Search code examples
pythonpython-2.7urllib2

Downloading a file from the internet with python


I'm trying to retrieve CSV data from a website through this link.

When downloaded manually you get synop.201708.csv.gz which is in fact a csv wrongly named .gz, it weights 2233KB

When running this code :

import urllib

file_date = '201708'
file_url = "https://donneespubliques.meteofrance.fr/donnees_libres/Txt/Synop/Archive/synop.{}.csv.gz".format(file_date)
output_file_name = "{}.csv.gz".format(file_date)

print "downloading {} to {}".format(file_url, output_file_name)
urllib.urlretrieve (file_url, output_file_name)

I'm getting a corrupted ~361Kb file

Any ideas why?


Solution

  • What seems to be happening is that the MétéoFrance site is misusing the Content-Encoding header. The website reports that it is serving you a gzip file (Content-Type: application/x-gzip) and that it is encoding it in gzip format for the transfer (Content-Encoding: x-gzip). It is also saying the page is an attachment, which should be saved under its normal name (Content-Disposition: attachment)

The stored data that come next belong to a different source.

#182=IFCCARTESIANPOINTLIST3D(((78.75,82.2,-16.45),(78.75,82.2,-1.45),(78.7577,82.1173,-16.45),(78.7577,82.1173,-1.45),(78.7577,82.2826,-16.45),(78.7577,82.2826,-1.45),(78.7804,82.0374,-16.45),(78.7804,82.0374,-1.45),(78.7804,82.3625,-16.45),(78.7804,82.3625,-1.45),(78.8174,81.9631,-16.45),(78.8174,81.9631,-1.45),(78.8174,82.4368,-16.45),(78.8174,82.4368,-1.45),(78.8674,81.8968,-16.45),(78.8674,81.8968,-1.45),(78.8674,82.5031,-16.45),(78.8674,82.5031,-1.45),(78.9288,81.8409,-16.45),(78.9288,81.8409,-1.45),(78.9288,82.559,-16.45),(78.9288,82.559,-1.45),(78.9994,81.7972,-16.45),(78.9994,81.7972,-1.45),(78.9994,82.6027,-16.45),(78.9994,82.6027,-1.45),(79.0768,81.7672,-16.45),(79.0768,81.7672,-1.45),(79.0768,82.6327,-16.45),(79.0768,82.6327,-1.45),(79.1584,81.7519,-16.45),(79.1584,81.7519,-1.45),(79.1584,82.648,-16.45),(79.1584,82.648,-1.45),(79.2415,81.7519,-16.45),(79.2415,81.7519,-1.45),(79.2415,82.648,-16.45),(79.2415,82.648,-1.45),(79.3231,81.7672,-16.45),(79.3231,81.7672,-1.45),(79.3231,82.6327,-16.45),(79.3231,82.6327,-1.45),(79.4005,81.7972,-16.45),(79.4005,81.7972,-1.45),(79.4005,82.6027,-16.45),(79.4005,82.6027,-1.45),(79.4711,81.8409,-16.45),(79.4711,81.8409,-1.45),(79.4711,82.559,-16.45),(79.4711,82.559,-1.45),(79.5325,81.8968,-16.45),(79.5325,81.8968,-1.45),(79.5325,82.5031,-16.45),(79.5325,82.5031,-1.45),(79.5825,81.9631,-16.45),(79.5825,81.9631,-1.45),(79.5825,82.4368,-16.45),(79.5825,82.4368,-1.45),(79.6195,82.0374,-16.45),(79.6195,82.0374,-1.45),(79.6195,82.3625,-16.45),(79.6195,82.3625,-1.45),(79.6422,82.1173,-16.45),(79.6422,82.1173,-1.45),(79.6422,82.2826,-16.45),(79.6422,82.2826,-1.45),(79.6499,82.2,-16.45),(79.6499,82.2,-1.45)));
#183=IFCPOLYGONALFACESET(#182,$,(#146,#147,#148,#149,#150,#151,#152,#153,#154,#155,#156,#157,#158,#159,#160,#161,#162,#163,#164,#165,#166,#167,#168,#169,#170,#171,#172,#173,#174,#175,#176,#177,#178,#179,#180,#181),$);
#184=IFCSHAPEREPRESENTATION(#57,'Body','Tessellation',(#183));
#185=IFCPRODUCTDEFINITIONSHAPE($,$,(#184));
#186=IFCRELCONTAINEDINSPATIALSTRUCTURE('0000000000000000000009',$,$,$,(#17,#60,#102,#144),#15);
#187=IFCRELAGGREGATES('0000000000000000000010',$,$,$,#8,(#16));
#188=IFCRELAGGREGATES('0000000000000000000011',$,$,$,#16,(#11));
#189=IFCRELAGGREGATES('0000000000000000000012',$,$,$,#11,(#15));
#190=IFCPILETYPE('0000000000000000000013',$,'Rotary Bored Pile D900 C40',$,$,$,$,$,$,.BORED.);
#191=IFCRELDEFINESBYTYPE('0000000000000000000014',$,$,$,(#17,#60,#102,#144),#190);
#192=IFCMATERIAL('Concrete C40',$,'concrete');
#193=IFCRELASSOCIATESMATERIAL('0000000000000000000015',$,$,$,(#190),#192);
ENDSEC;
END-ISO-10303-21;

    In a vacuum, this would make sense (to a degree; compressing an already compressed file is mostly useless): The server serves a gzip file and compresses it again for transport. Upon receipt, your browser undoes the transport compression and saves the original gzip file. Here, it decompresses the stream, but since it wasn't compressed again, it doesn't work as expected.